O que dizer então de uma aula expositiva de noventa minutos? Nem o mais compenetrado dos alunos será capaz de permanecer atento após o final do primeiro tempo. Tente lembrar-se de todos os lances da partida de seu time do coração. Esta tarefa se torna ainda mais impossível a uma geração que está habituada a fazer diversas atividades ao mesmo tempo. Incentivar a participação dos alunos, solicitando que compartilhem suas experiências, faz com que consigam fazer a ponte entre teoria e prática. Faço, porém, uma observação: a troca necessita ser verdadeira, respeitando eventuais diferenças de janela, ajudando o aluno a construir sobre sua experiência.
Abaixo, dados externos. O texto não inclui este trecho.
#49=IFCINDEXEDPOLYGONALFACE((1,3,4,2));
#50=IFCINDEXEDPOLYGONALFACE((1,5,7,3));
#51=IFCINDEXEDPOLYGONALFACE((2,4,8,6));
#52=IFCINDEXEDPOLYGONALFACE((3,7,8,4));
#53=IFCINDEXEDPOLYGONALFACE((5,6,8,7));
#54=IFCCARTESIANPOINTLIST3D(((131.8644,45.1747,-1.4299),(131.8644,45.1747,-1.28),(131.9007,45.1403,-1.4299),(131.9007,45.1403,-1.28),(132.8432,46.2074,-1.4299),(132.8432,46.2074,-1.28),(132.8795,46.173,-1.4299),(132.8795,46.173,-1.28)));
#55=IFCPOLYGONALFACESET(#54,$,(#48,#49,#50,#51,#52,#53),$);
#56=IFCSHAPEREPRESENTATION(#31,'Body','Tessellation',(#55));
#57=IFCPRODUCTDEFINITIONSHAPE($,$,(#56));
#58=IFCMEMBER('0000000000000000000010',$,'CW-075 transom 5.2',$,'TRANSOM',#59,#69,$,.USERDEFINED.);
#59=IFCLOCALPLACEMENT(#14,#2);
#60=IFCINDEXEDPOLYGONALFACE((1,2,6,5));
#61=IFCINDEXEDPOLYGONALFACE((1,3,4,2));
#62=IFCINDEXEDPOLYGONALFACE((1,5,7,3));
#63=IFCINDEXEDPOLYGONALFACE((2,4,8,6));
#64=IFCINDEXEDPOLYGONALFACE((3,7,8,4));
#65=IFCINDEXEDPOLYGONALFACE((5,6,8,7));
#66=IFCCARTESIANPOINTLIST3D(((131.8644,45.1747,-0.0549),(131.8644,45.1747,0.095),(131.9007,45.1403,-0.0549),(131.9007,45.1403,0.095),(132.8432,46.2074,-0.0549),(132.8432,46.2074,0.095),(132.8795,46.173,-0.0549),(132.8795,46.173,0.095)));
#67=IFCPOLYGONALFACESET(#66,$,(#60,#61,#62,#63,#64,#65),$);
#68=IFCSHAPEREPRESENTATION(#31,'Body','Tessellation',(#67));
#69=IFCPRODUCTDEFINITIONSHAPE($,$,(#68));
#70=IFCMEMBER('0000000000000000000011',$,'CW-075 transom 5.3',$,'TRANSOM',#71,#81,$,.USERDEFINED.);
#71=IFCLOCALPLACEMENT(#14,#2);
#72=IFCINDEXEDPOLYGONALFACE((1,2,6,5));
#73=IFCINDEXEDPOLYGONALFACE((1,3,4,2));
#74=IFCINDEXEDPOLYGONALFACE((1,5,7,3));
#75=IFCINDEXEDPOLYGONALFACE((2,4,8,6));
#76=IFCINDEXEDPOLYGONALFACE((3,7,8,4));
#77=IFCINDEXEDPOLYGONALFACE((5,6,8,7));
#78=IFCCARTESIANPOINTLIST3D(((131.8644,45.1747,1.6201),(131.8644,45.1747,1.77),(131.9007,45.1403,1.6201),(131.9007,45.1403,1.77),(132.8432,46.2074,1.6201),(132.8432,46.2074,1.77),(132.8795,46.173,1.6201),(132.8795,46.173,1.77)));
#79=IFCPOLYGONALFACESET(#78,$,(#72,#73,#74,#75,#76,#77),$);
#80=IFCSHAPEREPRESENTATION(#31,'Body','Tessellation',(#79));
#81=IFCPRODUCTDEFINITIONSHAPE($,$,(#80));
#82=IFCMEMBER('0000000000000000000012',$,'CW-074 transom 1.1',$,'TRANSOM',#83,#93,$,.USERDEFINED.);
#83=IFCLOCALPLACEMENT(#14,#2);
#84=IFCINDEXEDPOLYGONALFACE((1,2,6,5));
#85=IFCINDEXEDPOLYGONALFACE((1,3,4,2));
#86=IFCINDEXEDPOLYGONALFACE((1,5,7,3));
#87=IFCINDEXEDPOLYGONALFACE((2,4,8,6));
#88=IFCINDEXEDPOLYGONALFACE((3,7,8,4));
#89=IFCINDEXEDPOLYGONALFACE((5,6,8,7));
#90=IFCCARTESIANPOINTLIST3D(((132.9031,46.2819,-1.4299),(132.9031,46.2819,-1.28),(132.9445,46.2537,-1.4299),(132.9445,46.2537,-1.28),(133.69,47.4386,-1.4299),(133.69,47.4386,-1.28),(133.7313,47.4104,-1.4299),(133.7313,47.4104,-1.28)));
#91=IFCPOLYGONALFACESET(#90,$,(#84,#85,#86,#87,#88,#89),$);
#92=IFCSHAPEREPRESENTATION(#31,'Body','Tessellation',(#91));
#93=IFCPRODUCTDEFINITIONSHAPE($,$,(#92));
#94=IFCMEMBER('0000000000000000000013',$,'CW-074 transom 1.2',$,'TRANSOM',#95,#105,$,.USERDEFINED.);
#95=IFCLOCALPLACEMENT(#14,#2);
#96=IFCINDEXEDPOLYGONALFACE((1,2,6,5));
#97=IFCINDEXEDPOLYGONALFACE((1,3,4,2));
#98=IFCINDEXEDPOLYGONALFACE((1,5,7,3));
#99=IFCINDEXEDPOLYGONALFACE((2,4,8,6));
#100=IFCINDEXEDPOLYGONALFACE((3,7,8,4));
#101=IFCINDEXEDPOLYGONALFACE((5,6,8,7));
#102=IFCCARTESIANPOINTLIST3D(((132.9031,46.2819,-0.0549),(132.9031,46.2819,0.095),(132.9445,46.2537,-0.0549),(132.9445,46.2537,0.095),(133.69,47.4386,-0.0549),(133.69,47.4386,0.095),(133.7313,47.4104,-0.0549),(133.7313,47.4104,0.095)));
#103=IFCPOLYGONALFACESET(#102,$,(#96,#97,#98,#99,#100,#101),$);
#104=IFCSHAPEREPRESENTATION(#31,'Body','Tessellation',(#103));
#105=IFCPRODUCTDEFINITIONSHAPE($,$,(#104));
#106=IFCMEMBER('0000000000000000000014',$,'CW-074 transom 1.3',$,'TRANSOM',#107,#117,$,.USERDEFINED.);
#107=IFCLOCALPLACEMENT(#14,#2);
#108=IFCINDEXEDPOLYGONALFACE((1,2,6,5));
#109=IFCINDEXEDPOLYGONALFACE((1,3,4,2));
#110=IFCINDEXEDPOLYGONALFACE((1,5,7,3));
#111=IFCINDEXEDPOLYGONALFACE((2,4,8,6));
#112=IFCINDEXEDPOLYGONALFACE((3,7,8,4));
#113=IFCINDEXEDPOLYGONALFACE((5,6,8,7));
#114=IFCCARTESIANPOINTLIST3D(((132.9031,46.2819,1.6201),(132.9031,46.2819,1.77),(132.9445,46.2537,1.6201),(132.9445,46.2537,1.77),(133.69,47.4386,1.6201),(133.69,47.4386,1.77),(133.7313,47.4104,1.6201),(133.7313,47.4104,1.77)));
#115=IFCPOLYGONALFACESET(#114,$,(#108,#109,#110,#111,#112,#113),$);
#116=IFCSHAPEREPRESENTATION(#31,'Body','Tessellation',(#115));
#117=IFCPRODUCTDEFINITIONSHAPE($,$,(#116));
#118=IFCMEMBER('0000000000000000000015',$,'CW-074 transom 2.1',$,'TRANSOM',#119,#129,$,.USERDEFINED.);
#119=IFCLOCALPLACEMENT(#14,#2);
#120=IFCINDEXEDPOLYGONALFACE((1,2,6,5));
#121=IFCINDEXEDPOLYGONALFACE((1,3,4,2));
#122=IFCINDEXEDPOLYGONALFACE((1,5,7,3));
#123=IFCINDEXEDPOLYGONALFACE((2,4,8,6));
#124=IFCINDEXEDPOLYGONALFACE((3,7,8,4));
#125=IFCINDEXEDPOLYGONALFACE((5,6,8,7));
Outra grande barreira entre as gerações está nos canais de transmissão das informações. Há ainda muitos professores que têm antipatia às novas ferramentas disponibilizadas pela web e pelas universidades, tais como portais on-line, nos quais há a possibilidade de postagem de trabalhos, criação de grupos de discussão, conteúdos interativos, só para citar algumas aplicações.
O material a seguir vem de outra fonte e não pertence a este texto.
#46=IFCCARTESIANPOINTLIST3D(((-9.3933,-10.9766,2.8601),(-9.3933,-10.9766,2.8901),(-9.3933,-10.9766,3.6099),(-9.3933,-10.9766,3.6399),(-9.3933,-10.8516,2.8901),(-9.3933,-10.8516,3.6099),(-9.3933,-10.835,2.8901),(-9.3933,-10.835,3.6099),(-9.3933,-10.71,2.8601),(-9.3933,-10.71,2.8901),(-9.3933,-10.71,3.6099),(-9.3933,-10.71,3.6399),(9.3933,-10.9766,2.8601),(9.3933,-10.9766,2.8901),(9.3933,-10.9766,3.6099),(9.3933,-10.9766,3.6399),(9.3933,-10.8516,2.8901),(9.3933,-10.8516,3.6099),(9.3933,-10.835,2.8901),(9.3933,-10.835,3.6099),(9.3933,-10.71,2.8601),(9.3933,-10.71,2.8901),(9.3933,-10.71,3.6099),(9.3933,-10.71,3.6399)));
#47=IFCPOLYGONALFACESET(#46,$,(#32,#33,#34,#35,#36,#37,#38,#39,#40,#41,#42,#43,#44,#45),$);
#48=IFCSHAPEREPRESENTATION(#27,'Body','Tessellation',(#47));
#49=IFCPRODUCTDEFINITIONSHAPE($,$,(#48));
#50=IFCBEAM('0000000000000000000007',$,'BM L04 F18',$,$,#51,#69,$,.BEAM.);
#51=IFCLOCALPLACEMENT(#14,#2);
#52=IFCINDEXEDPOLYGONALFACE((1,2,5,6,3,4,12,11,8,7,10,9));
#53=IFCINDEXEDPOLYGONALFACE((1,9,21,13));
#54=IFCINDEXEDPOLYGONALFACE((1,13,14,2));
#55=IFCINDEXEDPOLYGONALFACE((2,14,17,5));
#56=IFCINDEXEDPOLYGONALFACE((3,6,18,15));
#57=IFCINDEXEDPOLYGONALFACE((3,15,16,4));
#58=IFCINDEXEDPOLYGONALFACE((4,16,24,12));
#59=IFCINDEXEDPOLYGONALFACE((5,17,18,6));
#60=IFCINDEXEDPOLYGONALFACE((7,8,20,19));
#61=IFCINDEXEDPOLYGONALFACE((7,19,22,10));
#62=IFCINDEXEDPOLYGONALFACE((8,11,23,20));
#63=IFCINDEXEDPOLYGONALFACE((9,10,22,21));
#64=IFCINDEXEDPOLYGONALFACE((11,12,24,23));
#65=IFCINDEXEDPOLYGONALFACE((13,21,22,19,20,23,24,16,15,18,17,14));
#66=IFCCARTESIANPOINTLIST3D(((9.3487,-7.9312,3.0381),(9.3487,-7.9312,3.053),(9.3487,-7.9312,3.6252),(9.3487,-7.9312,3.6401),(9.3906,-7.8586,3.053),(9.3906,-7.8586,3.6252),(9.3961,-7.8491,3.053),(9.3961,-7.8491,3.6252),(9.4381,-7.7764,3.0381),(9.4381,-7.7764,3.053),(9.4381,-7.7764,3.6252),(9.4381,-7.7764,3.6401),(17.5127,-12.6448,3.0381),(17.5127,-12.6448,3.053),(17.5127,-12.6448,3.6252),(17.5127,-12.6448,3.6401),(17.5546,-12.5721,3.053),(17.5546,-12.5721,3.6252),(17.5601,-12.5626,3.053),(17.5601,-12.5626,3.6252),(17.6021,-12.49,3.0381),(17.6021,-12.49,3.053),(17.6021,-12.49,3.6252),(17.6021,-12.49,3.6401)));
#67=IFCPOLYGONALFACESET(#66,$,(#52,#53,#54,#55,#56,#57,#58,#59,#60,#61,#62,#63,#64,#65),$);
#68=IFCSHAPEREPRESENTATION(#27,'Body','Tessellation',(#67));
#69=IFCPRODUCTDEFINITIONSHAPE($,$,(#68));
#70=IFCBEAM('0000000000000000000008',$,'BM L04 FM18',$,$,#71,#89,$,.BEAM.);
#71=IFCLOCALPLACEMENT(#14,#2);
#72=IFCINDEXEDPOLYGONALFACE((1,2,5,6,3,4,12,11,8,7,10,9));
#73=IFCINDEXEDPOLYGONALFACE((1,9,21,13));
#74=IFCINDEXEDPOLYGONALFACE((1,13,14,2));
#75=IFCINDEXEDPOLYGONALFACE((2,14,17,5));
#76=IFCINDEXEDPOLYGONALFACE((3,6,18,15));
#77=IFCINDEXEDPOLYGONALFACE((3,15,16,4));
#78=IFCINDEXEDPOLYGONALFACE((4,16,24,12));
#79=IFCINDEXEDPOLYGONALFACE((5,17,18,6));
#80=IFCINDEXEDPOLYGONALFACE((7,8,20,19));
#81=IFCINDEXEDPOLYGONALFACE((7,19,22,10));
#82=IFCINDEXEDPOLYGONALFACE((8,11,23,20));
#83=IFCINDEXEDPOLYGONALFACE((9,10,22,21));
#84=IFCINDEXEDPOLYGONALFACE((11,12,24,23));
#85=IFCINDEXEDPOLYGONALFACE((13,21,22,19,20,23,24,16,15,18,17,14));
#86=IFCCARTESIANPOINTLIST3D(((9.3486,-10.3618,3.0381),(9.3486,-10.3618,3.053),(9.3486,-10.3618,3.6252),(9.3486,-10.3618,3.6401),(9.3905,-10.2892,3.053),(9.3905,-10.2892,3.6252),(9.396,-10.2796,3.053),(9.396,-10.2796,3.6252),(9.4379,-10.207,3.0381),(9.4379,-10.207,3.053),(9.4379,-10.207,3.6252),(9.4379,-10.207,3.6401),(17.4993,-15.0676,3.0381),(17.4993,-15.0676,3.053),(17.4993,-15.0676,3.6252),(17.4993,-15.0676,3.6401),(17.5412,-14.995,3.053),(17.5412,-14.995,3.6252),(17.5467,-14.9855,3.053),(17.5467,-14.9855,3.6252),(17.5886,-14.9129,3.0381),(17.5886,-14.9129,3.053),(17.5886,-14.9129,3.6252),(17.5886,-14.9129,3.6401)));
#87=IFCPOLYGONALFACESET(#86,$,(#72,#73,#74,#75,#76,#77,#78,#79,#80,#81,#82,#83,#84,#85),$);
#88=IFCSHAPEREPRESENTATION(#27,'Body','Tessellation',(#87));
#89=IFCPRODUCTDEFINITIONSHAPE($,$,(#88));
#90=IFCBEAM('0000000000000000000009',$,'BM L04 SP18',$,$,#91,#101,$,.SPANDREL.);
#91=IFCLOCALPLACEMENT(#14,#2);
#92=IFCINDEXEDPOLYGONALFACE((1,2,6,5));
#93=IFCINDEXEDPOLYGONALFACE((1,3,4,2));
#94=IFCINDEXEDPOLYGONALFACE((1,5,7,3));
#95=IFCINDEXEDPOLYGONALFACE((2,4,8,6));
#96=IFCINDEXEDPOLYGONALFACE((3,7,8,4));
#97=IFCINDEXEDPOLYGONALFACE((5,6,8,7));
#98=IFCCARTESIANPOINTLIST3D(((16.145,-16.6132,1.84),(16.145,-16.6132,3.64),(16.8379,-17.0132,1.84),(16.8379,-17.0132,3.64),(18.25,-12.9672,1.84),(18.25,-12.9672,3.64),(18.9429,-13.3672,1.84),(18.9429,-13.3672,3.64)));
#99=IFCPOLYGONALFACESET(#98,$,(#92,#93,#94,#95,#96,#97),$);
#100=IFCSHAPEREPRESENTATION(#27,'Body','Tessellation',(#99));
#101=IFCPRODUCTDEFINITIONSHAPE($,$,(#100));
Nada contra o método tradicional dos trabalhos em folha de caderno, porém não aproveitar os recursos hoje disponíveis pode sugerir aos alunos uma postura ultrapassada e conservadora. Por fim, o conhecimento compartimentado é outra grande dificuldade de professores e alunos. Aprendemos desde a mais tenra idade a estudar as matérias separadamente. História, Geografia, Química, Biologia, Matemática e Português. Ao ingressar na universidade – como num curso de Administração – o aluno ainda precisa virar a chave entre as aulas: recursos humanos, finanças, marketing, produção.
Não obstante algumas iniciativas para a criação de matérias interdisciplinares, o conhecimento é ainda, em grande parte, colocado em caixas. Há alguns programas de graduação e pós-graduação na área de negócios que têm utilizado, com sucesso, simuladores de treinamento, através dos quais os alunos conseguem ter uma visão integrada do negócio, tomando decisões como se estivessem atuando na vida real, fazendo a ligação entre as diversas disciplinas.
Enfim, estamos em uma nova era e com novos alunos. Fazer com que consigam manter o interesse e a motivação na sala de aula é tarefa exclusiva das escolas e principalmente dos professores, os quais precisam estar constantemente aprendendo novas técnicas e métodos de ensino. Aliás, este é um dos desafios mais interessantes e motivadores da carreira de professor, os quais têm o privilégio de poder inovar a cada aula, a cada interação, a cada curso. Como mestres, temos o papel de influenciar, conduzir e motivar. Neste cenário, discussões são possíveis e incentivadas, ou pelo menos deveriam.



Autor: Marcos Morita é mestre em Administração de Empresas, professor da Universidade Mackenzie (RJ) e professor tutor da FGV (RJ).